These aquatic systems provide important ecosystem services depending on the health and function of these systems (Rapport and Costanza 1998). However freshwater systems around the globe have been altered, with an estimated two thirds of the world’s flowing fresh water obstructed by dams on route to the sea (Nilsson et al. 2005). Regulating the flows of rivers with dams, weirs, locks and barrages has created reliable water resources for power production, agriculture and domestic use out of otherwise variable freshwater systems, shaping surrounding communities and industries (Grey and Sadoff 2007).
The environmental cost of regulation, and often over-extraction from, freshwater ecosystems has included shifts in diversity and abundance in biota. Natural lake level fluctuation plays a crucial role in freshwater aquatic ecosystem structure and function (Leira and Cantonati 2008), with native taxa having life histories adapted to a variable hydrological regimes. Water regulation has greatly affected fish, aquatic vegetation and invertebrate communities (Blanch et al. 1999; Ning et al. 2013; Bice et al. 2014). In addition, it has also affected water quality, influencing conductivity, turbidity and nutrient loads within these systems (Ahearn et al. 2005;
Mosley et al. 2012).
In drought-prone aquatic ecosystems, native taxa have adaptive life histories to persist and recover post-drought (Ning et al. 2013). Within regulated systems, these drought events can be exacerbated by water extraction and the natural resilience of taxa can be altered by deviations from natural conditions pre-drought (Lake et al. 2011). Drought places taxa under increasing stress via a progressive loss of resources, further reduced water quality and increased biotic interactions within a diminishing habitat, having deleterious consequences on many taxa (Bond
2 et al. 2008). With the natural cycle of drought linked with flood and subsequent recovery, recovery in regulated systems post-drought has been seen to vary among taxa (Boix et al. 2010) and in time frame (Rapport and Whitford 1999). With loss of natural variability, the synergistic effects of drought and subsequent loss in resilience of these systems, natural resource managers around the globe are dealt the challenging responsibility of ensuring ecosystem health into the future, whilst managing the demands of water-dependent industries.

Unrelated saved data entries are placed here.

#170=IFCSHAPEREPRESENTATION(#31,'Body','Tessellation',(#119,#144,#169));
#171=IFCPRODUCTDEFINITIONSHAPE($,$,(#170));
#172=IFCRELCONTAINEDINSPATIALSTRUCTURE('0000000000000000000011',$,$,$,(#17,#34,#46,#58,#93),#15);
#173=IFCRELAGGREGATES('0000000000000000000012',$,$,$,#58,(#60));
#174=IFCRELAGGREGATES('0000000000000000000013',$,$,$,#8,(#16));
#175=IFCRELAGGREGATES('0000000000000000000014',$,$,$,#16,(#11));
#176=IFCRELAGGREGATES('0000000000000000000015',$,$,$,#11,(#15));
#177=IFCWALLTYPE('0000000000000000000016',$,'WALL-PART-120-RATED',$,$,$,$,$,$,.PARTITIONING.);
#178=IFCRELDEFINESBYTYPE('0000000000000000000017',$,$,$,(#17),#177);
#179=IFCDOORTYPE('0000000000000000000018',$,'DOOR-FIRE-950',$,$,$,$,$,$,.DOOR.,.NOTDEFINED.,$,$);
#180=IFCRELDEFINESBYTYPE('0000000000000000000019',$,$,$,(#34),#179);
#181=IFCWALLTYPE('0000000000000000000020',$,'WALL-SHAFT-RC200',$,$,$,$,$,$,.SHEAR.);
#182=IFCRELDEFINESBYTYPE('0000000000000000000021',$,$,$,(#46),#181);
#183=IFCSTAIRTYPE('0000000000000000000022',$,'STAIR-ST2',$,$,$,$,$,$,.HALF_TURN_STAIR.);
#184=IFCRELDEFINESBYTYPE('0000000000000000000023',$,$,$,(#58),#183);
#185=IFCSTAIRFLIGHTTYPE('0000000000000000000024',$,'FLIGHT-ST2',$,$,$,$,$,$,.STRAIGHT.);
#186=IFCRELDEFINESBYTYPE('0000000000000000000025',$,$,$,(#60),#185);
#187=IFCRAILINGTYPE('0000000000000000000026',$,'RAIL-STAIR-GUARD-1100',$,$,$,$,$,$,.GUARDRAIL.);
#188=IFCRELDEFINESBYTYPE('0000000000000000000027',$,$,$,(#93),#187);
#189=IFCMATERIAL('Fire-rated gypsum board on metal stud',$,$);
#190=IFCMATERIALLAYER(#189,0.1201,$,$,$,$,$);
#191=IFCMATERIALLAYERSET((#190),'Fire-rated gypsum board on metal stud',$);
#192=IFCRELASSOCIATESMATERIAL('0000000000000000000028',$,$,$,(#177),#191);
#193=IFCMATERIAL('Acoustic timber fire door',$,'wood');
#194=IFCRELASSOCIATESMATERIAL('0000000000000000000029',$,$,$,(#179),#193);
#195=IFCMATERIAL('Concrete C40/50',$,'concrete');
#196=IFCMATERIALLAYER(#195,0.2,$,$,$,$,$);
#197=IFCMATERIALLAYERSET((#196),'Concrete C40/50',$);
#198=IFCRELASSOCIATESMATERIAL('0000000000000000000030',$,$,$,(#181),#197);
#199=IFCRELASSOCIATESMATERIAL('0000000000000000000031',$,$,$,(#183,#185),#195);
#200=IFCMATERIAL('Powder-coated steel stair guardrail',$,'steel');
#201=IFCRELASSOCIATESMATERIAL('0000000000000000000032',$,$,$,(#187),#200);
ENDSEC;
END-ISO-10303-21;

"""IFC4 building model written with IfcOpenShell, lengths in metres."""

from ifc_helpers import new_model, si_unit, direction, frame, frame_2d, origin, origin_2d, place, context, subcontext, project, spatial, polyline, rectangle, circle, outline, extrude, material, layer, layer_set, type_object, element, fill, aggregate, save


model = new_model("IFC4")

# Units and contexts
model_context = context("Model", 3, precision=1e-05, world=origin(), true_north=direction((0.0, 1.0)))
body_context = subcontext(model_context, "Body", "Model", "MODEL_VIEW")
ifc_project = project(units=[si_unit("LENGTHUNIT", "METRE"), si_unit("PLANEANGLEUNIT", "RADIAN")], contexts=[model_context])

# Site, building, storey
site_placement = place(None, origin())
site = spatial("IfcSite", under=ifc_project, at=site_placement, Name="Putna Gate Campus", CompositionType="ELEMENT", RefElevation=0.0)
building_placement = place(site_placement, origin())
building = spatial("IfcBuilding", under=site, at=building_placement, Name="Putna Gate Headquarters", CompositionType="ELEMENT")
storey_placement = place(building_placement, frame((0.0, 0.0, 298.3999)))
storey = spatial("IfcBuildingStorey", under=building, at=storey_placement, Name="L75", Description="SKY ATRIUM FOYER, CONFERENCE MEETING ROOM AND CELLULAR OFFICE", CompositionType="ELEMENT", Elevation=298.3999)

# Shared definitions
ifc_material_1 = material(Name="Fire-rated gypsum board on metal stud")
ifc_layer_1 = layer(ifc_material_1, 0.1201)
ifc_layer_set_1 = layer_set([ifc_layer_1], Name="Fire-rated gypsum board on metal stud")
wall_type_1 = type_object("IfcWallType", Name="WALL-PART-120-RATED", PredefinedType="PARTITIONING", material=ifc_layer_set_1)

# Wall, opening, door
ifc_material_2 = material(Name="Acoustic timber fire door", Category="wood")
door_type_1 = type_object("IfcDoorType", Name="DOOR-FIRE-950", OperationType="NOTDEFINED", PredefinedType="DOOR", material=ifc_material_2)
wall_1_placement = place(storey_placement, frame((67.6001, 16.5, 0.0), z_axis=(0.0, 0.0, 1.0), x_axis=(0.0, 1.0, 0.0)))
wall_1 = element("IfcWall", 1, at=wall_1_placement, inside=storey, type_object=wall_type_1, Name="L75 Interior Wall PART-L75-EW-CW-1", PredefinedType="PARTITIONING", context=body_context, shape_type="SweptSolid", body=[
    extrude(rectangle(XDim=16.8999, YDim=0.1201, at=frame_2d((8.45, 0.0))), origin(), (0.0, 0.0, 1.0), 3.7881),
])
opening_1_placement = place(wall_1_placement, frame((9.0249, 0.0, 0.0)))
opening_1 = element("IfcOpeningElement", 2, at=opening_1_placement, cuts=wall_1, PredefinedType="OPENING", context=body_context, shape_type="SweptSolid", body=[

Managers have recognised the value of controlled releases of additional water for environmental purposes (environmental watering) as a management tool to enhance ecosystem health and resilience in altered freshwater systems (Lind et al. 2007). Large water releases over time have been used to mimic natural cycles and pre-regulation condition, whilst other environmental watering programs have focused on targeted outcomes such as improving physicochemical characteristics (e.g. electrical conductivity), clearing periphyton off substrate in stream beds, clearing sediment deposits, reducing algal blooms, induce fish spawning, connecting fragmented habitat, inundating floodplains or restoring littoral vegetation and ecological communities (Kashaigili et al. 2005). As the targets of environmental flows have varied, so has the success of these actions (Tonkin and Death, 2014). Justifying further watering, particularly in regions with multiple competing interests for water resources, requires knowledge of the likely outcomes of watering actions (King 2006).

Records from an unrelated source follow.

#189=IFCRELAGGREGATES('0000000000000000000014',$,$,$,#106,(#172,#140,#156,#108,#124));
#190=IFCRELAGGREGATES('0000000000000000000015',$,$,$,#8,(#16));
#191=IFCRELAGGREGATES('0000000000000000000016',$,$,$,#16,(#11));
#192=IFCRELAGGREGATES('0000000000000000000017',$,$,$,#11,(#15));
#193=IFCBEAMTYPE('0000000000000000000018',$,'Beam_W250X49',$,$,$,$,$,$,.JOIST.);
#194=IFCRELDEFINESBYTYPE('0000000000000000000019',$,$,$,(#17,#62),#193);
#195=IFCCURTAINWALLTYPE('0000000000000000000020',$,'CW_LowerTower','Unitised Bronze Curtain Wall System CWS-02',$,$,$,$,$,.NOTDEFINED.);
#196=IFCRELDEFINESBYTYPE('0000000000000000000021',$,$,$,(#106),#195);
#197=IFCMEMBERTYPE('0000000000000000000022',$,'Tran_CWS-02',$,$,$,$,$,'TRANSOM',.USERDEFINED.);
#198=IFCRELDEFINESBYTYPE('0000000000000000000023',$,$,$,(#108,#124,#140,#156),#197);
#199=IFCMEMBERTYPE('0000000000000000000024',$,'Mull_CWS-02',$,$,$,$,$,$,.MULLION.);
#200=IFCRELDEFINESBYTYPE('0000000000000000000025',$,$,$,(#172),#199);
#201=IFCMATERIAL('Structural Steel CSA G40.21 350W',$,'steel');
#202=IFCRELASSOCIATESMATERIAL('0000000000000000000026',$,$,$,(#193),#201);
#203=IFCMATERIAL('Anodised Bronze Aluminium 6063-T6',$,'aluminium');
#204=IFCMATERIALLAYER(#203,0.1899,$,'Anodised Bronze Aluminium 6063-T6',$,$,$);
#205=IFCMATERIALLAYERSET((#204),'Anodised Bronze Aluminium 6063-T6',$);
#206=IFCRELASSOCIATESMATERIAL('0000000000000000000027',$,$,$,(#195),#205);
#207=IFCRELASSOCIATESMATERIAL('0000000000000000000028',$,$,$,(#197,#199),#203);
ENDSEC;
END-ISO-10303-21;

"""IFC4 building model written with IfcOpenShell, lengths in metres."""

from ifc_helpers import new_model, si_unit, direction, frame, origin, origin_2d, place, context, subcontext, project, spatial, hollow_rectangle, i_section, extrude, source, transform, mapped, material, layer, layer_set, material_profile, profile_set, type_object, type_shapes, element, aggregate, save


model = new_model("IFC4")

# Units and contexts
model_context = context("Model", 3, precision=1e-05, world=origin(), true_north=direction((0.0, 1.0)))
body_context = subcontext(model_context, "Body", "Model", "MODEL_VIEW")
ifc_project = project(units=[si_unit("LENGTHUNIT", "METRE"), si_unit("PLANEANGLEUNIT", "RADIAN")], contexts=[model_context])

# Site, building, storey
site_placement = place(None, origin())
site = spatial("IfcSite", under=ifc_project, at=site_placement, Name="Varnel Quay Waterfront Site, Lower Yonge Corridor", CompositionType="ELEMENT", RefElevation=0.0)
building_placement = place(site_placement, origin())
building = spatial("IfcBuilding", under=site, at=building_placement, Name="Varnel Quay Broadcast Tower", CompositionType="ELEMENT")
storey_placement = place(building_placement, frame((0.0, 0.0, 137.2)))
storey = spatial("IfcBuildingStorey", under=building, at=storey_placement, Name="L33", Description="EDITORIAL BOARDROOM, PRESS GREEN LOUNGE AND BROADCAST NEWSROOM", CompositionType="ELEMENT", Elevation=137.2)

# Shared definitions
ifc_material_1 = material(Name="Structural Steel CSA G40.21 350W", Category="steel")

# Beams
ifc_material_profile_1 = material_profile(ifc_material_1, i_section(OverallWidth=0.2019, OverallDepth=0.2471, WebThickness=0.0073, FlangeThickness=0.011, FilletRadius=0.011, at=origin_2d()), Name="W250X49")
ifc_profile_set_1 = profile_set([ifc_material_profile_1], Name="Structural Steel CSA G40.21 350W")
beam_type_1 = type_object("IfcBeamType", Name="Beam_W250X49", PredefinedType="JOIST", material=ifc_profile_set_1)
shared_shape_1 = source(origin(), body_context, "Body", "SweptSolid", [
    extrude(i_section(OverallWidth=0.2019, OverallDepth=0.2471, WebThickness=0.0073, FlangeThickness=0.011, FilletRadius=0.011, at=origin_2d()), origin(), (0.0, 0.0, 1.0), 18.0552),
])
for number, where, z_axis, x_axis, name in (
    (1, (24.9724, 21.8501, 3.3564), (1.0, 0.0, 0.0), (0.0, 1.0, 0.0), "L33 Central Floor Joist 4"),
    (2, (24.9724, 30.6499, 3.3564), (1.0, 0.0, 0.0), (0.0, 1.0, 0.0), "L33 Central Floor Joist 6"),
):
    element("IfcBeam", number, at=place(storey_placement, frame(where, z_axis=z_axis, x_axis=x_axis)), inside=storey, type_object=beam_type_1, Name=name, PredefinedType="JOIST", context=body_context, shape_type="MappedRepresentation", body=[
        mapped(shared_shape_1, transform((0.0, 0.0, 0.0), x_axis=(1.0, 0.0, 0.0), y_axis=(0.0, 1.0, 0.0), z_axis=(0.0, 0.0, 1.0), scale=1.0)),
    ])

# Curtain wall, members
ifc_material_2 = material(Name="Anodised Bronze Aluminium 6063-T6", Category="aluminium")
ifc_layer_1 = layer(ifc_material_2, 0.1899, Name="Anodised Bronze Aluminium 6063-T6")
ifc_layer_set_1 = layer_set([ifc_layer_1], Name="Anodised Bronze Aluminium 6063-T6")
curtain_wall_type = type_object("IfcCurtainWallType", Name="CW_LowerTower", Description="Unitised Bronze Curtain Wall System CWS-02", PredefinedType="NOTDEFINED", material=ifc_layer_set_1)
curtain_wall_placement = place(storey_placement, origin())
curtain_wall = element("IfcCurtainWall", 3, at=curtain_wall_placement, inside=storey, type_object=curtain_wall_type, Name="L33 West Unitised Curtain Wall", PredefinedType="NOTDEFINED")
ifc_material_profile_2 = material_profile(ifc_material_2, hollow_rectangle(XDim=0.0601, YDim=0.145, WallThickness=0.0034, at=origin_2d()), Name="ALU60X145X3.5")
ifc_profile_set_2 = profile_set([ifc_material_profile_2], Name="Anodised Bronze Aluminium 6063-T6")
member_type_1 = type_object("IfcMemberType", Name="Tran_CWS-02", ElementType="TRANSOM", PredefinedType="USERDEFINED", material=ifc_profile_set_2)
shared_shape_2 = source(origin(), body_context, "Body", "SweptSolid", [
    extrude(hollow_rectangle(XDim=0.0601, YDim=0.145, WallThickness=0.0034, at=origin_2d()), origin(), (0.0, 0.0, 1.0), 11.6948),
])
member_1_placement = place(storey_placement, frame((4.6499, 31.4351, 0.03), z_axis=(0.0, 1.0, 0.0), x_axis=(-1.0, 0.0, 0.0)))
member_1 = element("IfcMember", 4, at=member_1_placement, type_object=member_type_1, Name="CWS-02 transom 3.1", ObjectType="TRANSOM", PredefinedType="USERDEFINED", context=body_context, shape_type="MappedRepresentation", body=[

Large-scale flow regulation and over-extraction for irrigation has been occurring in the Murray-Darling Basin for well over a century (Murray Darling Basin Authority 2013). The River Murray is Australia’s largest river, draining 14 % of the total land mass of the continent (CSIRO 2008) but, when compared internationally to other rivers with similar catchment areas, the natural flow characteristics are low and sporadic, typical of semi-arid zone rivers (Puckridge et al. 1998). As a result of regulation, the River Murray has seen a loss in hydrological variability, seasonality and a reduction in annual flow volumes (Maheshwari et
3 al. 1995). This shift in hydrology from its natural state has been in favour of a productive and extensive system of water-intensive irrigation agriculture (Quiggin 2001). The Lower Murray system ranges from freshwater lakes to saline and hypersaline lagoons with diverse fringing wetlands, with a complex conductivity gradient balanced by freshwater inflows from the River Murray channel. This reliance on upstream flows leaves the Lower Murray system vulnerable to the effects of regulation and over-extraction (Mosley et al. 2012). The Lower Murray region contains a number of Ramsar-listed wetlands of international importance which support populations of nationally- and internationally-significant flora and fauna. However many macroinvertebrates, water birds, fish and aquatic vegetation within the region are in decline (Frahn et al. 2013; Wedderburn et al. 2012; Paton et al. 2009). The two Lower Lakes, Lakes Alexandrina and Albert, mark the freshwater extent of the River Murray, with barrages in the south of the system preventing salt water intrusion. Prior to regulation, the conductivity gradient in the Lower Lakes was naturally maintained with flushing river flows (Mosley et al.
2012). During the Millennium Drought (1997-2009), the Lower Lakes saw water levels drop, conductivities rise and acid sulphate soils exposed along lakeshores and surrounding channels (Mosley et al. 2012).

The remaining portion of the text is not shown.